We discuss the estimation of the frequency in a strictly periodic time series that has been recorded as if fully observed at equally spaced times. This problem arises in the study of historical climate change based on the measurements of the thickness of laminae found in sedimentary rocks. We explore the effect of the missing time and the observations in a sinusoidal signal. Two types of random variations are introduced in the model. The first one is due to variations in the scale, where an unobserved gap could be regarded as the destruction of the record during a whole period of time. Hence it would seem that we have a complete record of the time series, but the time recorded would not correspond to the real scale of time.
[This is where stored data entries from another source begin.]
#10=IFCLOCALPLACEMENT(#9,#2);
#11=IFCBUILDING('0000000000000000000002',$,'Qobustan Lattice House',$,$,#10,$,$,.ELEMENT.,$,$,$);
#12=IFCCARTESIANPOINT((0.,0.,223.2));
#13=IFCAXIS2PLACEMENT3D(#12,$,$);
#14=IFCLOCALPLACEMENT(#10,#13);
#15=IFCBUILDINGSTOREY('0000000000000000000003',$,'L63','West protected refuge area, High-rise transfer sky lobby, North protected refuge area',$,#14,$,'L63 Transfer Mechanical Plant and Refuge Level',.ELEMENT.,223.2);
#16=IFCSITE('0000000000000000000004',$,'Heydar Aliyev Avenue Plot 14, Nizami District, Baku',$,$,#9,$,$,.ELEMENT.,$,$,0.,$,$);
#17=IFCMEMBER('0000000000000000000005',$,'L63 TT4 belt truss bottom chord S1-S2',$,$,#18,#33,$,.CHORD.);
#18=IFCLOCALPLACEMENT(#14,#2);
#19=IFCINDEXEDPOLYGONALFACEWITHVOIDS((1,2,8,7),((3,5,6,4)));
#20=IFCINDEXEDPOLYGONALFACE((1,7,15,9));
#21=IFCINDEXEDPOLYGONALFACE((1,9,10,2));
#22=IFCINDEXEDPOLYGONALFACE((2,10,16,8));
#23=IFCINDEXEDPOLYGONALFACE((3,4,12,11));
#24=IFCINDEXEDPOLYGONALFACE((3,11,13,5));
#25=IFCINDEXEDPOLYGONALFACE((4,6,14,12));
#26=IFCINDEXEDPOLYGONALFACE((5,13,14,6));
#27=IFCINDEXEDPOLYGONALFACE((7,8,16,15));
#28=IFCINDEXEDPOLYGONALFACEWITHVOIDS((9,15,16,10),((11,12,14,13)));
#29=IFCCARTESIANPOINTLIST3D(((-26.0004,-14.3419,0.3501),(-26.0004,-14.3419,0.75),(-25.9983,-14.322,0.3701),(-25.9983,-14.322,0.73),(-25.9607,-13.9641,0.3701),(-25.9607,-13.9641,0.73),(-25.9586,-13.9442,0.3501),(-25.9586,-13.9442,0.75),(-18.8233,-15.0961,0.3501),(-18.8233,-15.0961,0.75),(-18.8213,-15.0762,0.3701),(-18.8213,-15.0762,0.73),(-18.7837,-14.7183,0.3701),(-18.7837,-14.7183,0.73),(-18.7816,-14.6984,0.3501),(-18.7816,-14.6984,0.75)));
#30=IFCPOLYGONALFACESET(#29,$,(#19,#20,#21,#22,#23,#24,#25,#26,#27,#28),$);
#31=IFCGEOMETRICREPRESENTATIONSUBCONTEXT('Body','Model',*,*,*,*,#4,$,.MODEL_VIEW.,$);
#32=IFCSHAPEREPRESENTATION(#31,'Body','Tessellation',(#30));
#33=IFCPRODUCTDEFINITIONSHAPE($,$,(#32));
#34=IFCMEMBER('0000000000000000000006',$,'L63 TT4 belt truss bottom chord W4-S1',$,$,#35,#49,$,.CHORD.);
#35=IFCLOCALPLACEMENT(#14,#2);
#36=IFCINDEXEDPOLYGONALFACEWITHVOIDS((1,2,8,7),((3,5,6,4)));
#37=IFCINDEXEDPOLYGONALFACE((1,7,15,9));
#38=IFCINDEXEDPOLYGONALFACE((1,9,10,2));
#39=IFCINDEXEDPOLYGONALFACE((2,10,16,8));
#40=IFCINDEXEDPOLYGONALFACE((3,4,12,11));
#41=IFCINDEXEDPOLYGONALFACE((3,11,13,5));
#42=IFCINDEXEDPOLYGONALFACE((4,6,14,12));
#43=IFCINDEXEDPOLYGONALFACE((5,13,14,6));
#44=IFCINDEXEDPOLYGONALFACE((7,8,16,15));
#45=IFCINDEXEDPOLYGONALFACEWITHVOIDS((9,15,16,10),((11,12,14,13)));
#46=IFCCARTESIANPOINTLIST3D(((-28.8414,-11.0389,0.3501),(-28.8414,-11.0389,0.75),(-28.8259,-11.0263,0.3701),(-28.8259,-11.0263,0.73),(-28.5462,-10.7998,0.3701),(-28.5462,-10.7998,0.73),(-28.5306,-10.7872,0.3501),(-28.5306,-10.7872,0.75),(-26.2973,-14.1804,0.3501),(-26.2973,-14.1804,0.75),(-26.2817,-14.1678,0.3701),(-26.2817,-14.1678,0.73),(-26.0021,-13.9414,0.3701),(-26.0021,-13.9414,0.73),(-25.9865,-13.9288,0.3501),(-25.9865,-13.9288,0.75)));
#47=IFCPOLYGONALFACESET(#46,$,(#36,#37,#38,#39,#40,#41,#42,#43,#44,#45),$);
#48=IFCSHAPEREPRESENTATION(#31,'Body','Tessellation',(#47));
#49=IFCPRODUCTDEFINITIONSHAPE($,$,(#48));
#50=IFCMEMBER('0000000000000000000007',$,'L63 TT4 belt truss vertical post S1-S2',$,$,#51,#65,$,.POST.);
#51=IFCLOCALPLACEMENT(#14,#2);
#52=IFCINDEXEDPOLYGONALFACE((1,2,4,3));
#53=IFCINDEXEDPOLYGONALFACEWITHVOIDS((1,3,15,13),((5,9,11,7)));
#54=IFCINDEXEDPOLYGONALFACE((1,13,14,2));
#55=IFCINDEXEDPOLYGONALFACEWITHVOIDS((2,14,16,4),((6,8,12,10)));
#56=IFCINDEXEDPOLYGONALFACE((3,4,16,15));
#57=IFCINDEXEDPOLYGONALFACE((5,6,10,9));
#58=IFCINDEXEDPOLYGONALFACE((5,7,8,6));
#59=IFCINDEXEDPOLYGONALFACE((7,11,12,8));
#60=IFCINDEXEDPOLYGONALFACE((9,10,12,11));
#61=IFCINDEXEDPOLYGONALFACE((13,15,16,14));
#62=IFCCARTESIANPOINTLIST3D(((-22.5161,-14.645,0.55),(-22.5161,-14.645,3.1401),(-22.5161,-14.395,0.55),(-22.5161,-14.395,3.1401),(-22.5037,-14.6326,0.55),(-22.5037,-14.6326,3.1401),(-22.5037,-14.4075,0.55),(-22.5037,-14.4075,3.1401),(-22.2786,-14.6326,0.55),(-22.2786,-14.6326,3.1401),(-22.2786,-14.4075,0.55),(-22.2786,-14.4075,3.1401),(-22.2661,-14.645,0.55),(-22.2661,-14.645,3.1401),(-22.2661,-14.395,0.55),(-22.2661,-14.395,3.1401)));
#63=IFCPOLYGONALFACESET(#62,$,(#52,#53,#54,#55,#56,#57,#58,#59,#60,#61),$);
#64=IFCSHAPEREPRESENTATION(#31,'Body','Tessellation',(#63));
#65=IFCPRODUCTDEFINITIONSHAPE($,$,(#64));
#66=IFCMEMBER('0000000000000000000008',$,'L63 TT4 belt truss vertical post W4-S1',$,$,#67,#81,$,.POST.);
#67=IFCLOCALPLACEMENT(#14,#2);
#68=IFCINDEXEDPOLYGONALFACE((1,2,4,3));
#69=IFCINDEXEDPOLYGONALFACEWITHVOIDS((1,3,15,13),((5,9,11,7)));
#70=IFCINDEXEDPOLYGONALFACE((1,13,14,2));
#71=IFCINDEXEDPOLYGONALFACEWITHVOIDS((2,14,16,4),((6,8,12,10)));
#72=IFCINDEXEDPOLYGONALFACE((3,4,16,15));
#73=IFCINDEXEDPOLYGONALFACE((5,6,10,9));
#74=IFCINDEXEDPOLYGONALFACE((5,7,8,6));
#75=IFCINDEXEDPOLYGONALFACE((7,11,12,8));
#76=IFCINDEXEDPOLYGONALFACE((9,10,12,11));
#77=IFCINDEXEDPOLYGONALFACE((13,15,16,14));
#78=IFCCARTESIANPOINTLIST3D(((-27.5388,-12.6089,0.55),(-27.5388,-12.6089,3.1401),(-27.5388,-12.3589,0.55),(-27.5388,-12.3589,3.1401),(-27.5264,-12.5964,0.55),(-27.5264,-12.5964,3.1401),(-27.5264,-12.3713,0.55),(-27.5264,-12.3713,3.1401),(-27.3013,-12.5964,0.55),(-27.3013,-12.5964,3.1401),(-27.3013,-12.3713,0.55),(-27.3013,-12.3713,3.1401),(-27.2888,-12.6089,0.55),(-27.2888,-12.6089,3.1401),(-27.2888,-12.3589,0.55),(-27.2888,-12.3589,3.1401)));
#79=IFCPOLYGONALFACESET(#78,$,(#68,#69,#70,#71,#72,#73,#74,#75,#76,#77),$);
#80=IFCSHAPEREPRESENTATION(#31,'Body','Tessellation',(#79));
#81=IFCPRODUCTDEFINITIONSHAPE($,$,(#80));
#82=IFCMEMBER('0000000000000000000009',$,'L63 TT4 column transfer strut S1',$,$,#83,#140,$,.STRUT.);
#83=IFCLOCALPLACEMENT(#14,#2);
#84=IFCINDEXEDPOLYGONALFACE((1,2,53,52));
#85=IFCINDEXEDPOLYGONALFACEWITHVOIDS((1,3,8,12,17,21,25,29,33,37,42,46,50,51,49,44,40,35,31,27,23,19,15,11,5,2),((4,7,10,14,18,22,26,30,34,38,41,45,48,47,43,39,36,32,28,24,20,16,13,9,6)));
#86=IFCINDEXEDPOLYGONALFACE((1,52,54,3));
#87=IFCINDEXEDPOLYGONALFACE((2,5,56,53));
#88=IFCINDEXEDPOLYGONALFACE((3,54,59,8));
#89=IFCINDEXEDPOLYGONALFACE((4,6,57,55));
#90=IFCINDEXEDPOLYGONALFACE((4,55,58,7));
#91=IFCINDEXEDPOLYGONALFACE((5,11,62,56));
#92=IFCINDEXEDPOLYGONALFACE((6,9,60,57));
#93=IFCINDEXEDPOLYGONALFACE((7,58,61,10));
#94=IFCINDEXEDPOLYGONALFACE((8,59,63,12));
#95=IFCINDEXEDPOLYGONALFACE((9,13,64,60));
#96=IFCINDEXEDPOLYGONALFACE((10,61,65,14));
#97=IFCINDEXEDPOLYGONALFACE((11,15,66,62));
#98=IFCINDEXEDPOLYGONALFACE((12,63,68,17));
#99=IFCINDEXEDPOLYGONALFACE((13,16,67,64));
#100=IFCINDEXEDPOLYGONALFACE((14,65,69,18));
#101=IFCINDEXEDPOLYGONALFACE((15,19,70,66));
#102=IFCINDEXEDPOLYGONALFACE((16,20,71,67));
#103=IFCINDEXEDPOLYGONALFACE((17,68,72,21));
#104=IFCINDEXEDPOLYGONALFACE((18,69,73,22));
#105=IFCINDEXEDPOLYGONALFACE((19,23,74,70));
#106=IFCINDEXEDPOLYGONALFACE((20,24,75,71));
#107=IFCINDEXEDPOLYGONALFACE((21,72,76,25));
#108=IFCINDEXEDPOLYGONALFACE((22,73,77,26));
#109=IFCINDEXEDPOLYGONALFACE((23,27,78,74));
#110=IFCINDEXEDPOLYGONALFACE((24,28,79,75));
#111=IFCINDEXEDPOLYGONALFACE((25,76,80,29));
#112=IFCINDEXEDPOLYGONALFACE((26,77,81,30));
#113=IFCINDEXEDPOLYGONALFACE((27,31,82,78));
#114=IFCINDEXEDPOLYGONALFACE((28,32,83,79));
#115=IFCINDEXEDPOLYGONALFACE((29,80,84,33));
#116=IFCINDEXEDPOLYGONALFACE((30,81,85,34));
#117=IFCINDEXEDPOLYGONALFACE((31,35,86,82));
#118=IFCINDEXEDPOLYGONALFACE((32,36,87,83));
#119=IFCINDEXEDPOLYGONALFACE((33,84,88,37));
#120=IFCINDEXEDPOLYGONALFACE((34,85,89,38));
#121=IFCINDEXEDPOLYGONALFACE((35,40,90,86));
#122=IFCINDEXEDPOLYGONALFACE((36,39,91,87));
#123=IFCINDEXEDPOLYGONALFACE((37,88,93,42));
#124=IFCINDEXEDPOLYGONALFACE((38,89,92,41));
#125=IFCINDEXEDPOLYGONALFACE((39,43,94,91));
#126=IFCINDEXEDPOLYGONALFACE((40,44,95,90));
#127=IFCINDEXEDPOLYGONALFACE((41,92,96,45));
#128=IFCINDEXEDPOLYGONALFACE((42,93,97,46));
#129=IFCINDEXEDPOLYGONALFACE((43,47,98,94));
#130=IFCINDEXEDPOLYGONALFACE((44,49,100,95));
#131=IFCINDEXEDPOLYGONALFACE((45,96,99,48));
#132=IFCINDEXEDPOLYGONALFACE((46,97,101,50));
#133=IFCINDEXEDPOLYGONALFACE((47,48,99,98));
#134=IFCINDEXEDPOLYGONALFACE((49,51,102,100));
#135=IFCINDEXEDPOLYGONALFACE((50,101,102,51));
The second random variation is the observational error, which could be regarded as a measurement error or a common variation in the underlying process. A consistent estimator is obtained only when the first type of random variation is considered in the model. A modified version of this estimator is proposed when also the observational error is considered and its performance is assessed numerically.

We first approach this problem by estimating the frequency using the classical Spectral Analysis method. We found a closed expression for the location of the peak of the spectral density, which would be an estimate of the modulated frequency. Unfortunately we would need more information on the distribution of the missing time to estimate consistently the frequency of the squeezed time series. Then we apply the non-linear Newton's method, which leads to our proposed method. We estimate the parameters of the sinusoidal curve by sliding a window through the whole series and locally computing the least squares estimates. We represent these estimates as points in the complex plane. The changes in their path produce an estimate of the mean distribution of the size of the time gaps. A complex ratio of these estimates turns out to be a linear fractional transformation. The geometry of these functions allows us to develop a method to estimate the frequency of the sinusoidal curve.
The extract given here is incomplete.